Peer Reviewed
Feature Article Gastroenterology

Chronic diarrhoea – it happens!

George Ermerak, Christopher Pokorny
Abstract

Diarrhoea that persists beyond a few weeks can be functionally debilitating and an indication of a significant underlying medical problem. A systematic approach to diagnosis involving a thorough history, examination and carefully targeted investigations allows for identification of cause in most cases. Appropriate treatment of the underlying problem is associated with improved outcomes for patients compared with symptomatic management alone.

Key Points
    • Chronic diarrhoea is defined as the passage of at least three loose to watery stools per day for more than four weeks.
    • Diarrhoea predominant IBS and functional diarrhoea are common, but organic causes need exclusion, particularly in the presence of red flag symptoms.
    • Questioning patients on stool consistency, onset and pattern of diarrhoea and associated symptoms can help in diagnosis.
    • Taking a thorough patient history, including family and medication history can help identify an underlying cause.
    • Referral to a specialist is necessary if a common cause and treatment are not established on initial presentation, if further evaluation is required or if a patient presents with red flag symptoms.
    • Treatment should be directed at the underlying cause.
    • When an underlying cause of chronic diarrhoea cannot be established, empirical treatment guided by the patient's history may help improve symptoms.

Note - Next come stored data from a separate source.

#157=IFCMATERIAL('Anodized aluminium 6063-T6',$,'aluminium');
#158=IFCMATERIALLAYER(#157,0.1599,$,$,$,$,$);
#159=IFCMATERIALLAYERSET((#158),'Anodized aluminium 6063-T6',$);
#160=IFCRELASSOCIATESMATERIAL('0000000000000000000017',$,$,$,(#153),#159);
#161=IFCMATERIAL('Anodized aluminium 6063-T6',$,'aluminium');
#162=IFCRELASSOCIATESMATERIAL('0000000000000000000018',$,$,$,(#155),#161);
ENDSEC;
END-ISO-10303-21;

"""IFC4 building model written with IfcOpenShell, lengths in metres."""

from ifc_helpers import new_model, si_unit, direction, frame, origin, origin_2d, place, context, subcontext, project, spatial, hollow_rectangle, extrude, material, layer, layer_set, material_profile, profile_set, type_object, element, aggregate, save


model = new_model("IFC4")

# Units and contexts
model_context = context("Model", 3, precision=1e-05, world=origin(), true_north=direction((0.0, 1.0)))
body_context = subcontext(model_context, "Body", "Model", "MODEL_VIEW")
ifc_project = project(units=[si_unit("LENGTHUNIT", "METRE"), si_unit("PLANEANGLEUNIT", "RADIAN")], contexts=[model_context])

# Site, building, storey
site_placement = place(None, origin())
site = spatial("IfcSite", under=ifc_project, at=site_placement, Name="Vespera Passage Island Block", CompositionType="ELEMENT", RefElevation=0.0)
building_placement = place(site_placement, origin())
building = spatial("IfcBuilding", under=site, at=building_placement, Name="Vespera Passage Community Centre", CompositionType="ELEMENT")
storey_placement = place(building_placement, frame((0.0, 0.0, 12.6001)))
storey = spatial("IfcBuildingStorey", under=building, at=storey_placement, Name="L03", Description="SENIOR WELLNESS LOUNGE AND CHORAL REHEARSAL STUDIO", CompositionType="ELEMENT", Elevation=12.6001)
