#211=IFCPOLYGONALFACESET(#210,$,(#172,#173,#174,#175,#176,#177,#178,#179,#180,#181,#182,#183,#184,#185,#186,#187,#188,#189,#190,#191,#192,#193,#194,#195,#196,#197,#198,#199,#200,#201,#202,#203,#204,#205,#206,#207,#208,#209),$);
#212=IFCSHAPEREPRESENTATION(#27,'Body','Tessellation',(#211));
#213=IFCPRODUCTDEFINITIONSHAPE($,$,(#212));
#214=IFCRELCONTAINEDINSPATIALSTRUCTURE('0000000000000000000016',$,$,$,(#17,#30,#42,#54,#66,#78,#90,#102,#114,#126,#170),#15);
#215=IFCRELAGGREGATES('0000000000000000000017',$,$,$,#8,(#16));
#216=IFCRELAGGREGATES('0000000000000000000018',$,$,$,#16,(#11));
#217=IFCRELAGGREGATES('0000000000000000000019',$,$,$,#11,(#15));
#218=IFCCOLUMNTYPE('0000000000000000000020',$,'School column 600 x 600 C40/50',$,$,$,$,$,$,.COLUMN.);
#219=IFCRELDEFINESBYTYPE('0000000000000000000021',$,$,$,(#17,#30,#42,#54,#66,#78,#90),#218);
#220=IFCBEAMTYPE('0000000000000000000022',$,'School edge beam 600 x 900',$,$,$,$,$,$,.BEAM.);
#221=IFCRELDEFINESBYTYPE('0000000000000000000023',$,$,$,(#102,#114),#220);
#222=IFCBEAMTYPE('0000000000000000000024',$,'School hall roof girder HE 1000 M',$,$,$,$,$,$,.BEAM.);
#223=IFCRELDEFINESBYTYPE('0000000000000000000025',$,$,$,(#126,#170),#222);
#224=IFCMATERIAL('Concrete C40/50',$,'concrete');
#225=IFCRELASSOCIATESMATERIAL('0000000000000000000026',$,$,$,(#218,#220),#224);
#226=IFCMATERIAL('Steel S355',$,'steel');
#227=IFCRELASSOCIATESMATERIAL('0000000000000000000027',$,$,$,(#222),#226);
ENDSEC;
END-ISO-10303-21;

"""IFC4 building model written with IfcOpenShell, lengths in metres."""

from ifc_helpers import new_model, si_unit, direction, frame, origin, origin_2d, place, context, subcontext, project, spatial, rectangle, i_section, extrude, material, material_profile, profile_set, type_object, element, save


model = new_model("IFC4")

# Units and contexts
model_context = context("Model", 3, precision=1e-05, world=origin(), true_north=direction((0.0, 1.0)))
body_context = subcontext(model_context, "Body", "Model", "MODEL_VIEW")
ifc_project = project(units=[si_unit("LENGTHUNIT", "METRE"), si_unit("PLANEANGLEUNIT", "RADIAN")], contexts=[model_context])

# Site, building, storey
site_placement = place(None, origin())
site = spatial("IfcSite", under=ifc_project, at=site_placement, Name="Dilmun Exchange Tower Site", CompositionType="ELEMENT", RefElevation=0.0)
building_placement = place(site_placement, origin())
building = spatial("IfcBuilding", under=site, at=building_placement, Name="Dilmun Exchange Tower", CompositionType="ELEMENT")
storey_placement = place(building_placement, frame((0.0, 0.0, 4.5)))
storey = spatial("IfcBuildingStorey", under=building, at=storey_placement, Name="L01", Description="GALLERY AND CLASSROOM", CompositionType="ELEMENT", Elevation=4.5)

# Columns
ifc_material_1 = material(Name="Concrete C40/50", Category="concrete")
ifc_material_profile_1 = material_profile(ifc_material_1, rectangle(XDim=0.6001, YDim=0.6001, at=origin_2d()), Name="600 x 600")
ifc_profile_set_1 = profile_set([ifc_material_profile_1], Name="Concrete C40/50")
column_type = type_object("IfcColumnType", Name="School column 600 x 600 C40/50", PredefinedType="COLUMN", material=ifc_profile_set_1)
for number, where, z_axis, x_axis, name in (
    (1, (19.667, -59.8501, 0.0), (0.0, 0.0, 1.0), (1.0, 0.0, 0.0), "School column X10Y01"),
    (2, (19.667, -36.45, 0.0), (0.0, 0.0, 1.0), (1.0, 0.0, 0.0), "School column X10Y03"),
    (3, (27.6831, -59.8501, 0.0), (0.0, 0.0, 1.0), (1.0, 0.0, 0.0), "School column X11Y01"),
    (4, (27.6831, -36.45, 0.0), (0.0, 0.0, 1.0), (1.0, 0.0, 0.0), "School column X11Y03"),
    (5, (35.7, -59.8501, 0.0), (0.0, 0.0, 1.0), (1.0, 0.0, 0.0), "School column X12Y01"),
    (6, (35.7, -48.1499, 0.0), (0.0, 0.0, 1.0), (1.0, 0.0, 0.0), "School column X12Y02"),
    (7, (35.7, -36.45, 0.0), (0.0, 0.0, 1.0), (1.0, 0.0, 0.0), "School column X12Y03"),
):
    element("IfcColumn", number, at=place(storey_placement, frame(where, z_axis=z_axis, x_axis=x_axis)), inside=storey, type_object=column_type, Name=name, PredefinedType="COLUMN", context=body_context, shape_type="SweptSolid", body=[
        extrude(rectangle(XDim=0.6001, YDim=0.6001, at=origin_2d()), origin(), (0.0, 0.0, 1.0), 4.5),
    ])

Chronic diarrhoea is defined as three or more loose or watery stools per day, lasting beyond four weeks, although there is variation in what constitutes chronic diarrhoea in terms of stool consistency, volume and duration of symptoms. It affects approximately 5% of the population at any one time and not only has significant direct health implications for patients but is also associated with functional disability and significant economic cost.1

It can be difficult to manage chronic diarrhoea because there are a wide range of potential organic and functional causes with symptom overlap, which need to be distinguished before an ­accurate diagnosis is made. A thorough assessment focusing on the patient’s history is often enough to identify the cause. Targeted investigation based on information from the history and ­examination can be helpful in diagnosing the underlying problem, although it is important to exclude common causes before ­pursuing the investigation of rare pathology. Occasionally, referral may be necessary, particularly where there are red flag symptoms, the differential diagnoses remain broad despite a thorough ­assessment, or when patients fail to respond to therapy. This review proposes a practical step-wise approach to the initial investigation and primary management of patients with chronic diarrhoea (Flowchart).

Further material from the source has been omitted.